Participant responses to the modules mirrored the difficulty level of the conceptual design for AHCPs and HHCPs. The scores for antibiotic resistance awareness significantly correlated with the level of training, profession, and practice type for human HCPs; however, ABR scores were not associated with age or sex.
For AHCPs, the demographic variables were not associated with the ABR scores, except for the practice type among Vietnamese AHCPs, with those employed in government hospitals showing significantly greater scores, in comparison to HCPs employed in private hospitals (66 vs. 58). Over 34% of HHCPs had reportedly attended ABR training (31%, 35%, 43%, 25% and 39% in Ghana, Nigeria, Peru, Tanzania, and Vietnam, respectively).

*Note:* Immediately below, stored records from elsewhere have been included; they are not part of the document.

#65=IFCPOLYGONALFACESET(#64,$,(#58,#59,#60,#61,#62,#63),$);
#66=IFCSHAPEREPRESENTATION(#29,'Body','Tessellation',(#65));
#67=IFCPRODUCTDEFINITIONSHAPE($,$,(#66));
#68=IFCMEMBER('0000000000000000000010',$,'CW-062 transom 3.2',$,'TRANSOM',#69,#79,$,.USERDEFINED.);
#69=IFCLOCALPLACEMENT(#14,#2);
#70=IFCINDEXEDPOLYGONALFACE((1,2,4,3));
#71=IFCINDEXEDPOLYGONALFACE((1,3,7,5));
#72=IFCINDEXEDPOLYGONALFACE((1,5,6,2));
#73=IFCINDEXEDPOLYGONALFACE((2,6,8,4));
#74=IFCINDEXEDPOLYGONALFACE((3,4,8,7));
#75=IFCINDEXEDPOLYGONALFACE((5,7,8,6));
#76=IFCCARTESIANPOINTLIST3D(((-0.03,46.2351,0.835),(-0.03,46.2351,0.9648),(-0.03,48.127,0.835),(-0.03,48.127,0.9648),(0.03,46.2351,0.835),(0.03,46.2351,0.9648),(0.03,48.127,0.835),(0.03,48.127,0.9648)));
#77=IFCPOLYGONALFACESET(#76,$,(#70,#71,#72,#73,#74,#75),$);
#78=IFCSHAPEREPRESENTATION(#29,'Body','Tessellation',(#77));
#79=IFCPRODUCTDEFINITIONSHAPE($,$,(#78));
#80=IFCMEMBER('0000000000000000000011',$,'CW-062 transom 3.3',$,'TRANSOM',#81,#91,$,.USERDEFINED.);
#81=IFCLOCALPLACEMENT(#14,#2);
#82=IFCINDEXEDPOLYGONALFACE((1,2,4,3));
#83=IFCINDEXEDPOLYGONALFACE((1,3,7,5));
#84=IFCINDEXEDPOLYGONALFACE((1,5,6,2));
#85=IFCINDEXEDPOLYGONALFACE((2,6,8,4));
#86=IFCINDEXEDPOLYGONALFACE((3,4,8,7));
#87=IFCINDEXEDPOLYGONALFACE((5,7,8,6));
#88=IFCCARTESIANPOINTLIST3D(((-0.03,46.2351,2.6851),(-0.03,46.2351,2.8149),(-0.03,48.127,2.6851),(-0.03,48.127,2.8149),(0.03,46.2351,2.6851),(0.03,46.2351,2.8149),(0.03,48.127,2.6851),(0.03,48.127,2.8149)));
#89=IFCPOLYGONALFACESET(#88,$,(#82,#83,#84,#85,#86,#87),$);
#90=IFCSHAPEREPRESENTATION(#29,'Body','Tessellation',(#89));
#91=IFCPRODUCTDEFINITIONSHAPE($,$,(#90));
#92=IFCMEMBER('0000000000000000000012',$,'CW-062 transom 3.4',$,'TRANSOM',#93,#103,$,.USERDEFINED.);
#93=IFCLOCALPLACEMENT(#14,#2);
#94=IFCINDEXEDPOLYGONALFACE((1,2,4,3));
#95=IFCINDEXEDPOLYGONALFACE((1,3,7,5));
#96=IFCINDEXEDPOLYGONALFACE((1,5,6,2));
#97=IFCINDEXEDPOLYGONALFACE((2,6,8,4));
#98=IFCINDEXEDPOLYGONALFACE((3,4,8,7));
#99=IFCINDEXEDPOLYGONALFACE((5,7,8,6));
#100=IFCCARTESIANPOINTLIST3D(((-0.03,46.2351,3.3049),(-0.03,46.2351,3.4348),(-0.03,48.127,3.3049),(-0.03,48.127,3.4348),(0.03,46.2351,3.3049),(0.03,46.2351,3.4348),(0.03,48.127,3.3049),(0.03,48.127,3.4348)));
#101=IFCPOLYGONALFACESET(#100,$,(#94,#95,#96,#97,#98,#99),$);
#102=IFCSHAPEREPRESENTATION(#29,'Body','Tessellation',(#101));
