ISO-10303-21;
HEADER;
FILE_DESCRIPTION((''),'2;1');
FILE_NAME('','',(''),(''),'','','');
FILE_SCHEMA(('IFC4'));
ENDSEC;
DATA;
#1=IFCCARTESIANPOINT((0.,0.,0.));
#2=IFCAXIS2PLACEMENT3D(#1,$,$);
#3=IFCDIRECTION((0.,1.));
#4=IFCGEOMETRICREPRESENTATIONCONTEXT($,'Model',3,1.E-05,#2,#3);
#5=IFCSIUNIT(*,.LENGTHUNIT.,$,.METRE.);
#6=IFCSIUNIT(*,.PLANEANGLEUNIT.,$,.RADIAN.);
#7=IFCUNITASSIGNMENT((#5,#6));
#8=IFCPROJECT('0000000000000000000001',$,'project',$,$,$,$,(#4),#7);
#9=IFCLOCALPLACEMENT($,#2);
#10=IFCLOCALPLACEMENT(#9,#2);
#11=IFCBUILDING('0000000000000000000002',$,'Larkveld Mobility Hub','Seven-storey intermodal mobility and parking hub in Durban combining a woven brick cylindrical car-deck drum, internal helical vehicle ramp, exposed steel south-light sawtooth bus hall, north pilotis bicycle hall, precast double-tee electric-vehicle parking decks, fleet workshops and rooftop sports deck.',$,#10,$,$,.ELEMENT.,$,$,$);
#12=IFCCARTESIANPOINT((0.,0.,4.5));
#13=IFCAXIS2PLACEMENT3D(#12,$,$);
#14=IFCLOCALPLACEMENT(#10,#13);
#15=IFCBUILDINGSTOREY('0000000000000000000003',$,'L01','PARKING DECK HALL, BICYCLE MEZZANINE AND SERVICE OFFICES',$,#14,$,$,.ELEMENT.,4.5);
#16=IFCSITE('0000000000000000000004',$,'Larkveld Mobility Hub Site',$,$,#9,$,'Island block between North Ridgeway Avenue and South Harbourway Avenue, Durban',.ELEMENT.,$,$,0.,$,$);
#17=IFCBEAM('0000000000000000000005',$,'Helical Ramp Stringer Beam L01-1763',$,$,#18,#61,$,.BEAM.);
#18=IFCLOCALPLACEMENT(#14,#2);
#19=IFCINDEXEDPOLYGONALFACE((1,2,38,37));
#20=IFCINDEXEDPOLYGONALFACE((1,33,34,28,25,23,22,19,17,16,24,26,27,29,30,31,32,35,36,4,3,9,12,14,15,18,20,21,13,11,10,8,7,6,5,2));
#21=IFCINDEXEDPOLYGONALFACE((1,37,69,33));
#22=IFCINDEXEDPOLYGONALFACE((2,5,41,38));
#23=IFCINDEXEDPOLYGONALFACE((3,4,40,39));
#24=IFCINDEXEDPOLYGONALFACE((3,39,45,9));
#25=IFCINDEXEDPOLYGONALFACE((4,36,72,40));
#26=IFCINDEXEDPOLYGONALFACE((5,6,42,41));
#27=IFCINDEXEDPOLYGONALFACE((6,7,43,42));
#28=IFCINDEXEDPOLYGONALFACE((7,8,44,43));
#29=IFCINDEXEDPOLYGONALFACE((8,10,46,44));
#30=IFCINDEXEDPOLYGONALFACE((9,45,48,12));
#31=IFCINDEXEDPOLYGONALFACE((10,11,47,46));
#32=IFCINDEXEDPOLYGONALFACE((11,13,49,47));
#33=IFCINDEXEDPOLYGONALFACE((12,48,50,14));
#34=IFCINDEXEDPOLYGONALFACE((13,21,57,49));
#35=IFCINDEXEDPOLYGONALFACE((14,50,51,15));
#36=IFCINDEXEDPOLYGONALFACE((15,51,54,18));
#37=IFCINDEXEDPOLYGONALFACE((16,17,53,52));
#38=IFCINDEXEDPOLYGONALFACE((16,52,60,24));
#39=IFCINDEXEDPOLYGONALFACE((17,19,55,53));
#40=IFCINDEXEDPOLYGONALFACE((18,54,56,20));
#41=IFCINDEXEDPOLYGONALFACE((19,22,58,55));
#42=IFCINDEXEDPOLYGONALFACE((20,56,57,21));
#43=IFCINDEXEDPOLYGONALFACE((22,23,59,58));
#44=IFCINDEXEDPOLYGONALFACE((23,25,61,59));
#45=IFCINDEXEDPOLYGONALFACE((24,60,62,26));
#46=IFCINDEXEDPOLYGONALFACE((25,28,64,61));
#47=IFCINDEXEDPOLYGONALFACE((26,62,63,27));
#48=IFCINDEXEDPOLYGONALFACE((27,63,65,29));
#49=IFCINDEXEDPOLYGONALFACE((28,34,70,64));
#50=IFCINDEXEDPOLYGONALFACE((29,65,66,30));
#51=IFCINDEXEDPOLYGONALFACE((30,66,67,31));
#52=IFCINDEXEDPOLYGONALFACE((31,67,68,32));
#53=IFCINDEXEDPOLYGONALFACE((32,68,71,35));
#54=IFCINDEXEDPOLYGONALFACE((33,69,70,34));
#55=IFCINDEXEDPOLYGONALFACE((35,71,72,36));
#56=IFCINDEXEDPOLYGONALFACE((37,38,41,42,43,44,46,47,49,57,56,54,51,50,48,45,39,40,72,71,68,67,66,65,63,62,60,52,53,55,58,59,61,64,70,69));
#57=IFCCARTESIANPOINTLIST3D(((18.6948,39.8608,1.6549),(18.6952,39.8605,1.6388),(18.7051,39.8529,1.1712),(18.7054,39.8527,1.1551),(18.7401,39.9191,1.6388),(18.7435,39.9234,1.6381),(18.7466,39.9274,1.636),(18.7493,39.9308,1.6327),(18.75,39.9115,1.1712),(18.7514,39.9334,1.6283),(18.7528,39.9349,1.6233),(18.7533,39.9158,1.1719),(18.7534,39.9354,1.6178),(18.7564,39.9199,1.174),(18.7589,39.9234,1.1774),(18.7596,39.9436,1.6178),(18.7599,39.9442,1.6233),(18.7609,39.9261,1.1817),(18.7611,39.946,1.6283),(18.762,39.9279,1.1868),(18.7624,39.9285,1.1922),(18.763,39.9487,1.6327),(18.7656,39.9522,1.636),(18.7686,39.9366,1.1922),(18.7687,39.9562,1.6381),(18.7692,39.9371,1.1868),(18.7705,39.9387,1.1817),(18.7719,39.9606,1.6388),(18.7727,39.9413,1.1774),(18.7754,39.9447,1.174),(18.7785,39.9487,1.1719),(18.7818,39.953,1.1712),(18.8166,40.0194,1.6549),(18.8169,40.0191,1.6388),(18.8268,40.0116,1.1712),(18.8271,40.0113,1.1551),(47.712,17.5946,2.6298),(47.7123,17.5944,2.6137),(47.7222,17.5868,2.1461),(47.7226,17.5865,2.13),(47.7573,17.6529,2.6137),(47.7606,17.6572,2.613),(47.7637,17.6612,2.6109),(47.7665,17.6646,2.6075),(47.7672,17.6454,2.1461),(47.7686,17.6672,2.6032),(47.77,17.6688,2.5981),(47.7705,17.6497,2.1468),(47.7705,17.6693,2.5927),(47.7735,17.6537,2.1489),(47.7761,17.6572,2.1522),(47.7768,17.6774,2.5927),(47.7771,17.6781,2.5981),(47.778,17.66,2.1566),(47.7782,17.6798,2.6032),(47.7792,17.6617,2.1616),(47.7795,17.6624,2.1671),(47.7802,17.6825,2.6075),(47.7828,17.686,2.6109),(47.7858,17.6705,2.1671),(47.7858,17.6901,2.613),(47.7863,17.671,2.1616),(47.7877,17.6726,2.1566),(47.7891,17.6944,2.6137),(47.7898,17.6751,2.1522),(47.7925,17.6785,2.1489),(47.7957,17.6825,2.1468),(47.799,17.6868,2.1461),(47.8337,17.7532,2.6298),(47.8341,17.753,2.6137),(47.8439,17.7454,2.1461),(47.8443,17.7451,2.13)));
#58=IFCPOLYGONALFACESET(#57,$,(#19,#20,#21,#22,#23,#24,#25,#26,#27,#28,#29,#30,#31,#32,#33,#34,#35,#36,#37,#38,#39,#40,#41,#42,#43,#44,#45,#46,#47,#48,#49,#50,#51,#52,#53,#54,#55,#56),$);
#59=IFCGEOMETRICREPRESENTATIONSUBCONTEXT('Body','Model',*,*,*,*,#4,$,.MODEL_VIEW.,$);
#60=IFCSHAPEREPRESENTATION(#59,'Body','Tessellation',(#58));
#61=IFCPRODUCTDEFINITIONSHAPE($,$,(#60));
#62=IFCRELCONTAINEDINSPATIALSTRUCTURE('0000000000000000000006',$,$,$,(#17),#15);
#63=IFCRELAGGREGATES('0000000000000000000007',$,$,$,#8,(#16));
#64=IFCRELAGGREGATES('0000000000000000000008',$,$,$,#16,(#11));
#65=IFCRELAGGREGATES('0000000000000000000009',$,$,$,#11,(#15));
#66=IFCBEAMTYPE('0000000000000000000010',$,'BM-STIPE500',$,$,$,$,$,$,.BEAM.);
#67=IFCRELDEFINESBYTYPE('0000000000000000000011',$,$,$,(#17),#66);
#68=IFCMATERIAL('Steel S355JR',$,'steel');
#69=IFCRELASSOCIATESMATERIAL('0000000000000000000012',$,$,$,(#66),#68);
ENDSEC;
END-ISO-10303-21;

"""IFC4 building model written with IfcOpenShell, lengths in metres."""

from ifc_helpers import new_model, si_unit, direction, frame, origin, origin_2d, place, context, subcontext, project, spatial, i_section, extrude, material, material_profile, profile_set, type_object, element, save


model = new_model("IFC4")

# Units and contexts
model_context = context("Model", 3, precision=1e-05, world=origin(), true_north=direction((0.0, 1.0)))
body_context = subcontext(model_context, "Body", "Model", "MODEL_VIEW")
ifc_project = project(units=[si_unit("LENGTHUNIT", "METRE"), si_unit("PLANEANGLEUNIT", "RADIAN")], contexts=[model_context])

# Site, building, storey
site_placement = place(None, origin())
site = spatial("IfcSite", under=ifc_project, at=site_placement, Name="Larkveld Mobility Hub Site", LongName="Island block between North Ridgeway Avenue and South Harbourway Avenue, Durban", CompositionType="ELEMENT", RefElevation=0.0)
building_placement = place(site_placement, origin())
building = spatial("IfcBuilding", under=site, at=building_placement, Name="Larkveld Mobility Hub", Description="Seven-storey intermodal mobility and parking hub in Durban combining a woven brick cylindrical car-deck drum, internal helical vehicle ramp, exposed steel south-light sawtooth bus hall, north pilotis bicycle hall, precast double-tee electric-vehicle parking decks, fleet workshops and rooftop sports deck.", CompositionType="ELEMENT")
storey_placement = place(building_placement, frame((0.0, 0.0, 4.5)))
storey = spatial("IfcBuildingStorey", under=building, at=storey_placement, Name="L01", Description="PARKING DECK HALL, BICYCLE MEZZANINE AND SERVICE OFFICES", CompositionType="ELEMENT", Elevation=4.5)

# Beam
ifc_material_1 = material(Name="Steel S355JR", Category="steel")
ifc_material_profile_1 = material_profile(ifc_material_1, i_section(OverallWidth=0.2, OverallDepth=0.5, WebThickness=0.0103, FlangeThickness=0.0161, FilletRadius=0.021, at=origin_2d()), Name="IPE 500")
ifc_profile_set_1 = profile_set([ifc_material_profile_1], Name="Steel S355JR")
beam_type_1 = type_object("IfcBeamType", Name="BM-STIPE500", PredefinedType="BEAM", material=ifc_profile_set_1)
beam_1_placement = place(storey_placement, frame((18.761, 39.936, 1.405), z_axis=(0.793065, -0.608554, 0.026644), x_axis=(0.60877, 0.793347, 0.0)))
element("IfcBeam", 1, at=beam_1_placement, inside=storey, type_object=beam_type_1, Name="Helical Ramp Stringer Beam L01-1763", PredefinedType="BEAM", context=body_context, shape_type="SweptSolid", body=[
    extrude(i_section(OverallWidth=0.2, OverallDepth=0.5, WebThickness=0.0103, FlangeThickness=0.0161, FilletRadius=0.021, at=origin_2d()), origin(), (0.0, 0.0, 1.0), 36.5886),
])

save(model, "model.ifc")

In Vietnam and Peru, HCPs who were provided lessons on ABR in their curriculum showed significantly greater ABR awareness scores for AHCPs and HHCPs, respectively, compared to HCPs who were not taught about ABR. Among AHCPs, fewer Peruvian HCPs (25.0%) received particular ABR in comparison to Thai AHCPs (78.0%) or Vietnamese AHCPs (55.0%). Factual context-related factors such as the presence or absence of particular resources, the presence of other diseases, or receiving information provided reliable findings.
Across most nations, HHCPs and AHCPs documented that they prescribed antibiotics since they feared poor outcomes of diseases and had greater sanitation and hygiene concerns than antimicrobial resistance concerns. Chronic infections such as tuberculosis, human immunodeficiency virus infections, malaria, and accidents and trauma were considered more important by HHCPs in Africa. Among animal HCPs, >50% had more concerns about chronic illnesses in Thailand, Vietnam, and Peru.
Nearly 67% of the HCPs reported that ABR information received was inadequate for informing regular practice. In the majority of settings, HCPs documented that ABR monitoring was not performed at their workplaces, with the exception of Thai AHCPs. The HHCPs and AHCPs receiving samples from medical healthcare representatives showed greater ABR awareness compared to other HCPs.
The study findings showed that HCPs’ awareness of ABR could be reliably assessed with the validated ABR scale across the nations tested. Using the ABR scale with context questions and objective measurement of practices could inform healthcare interventions for improved antibiotic usage.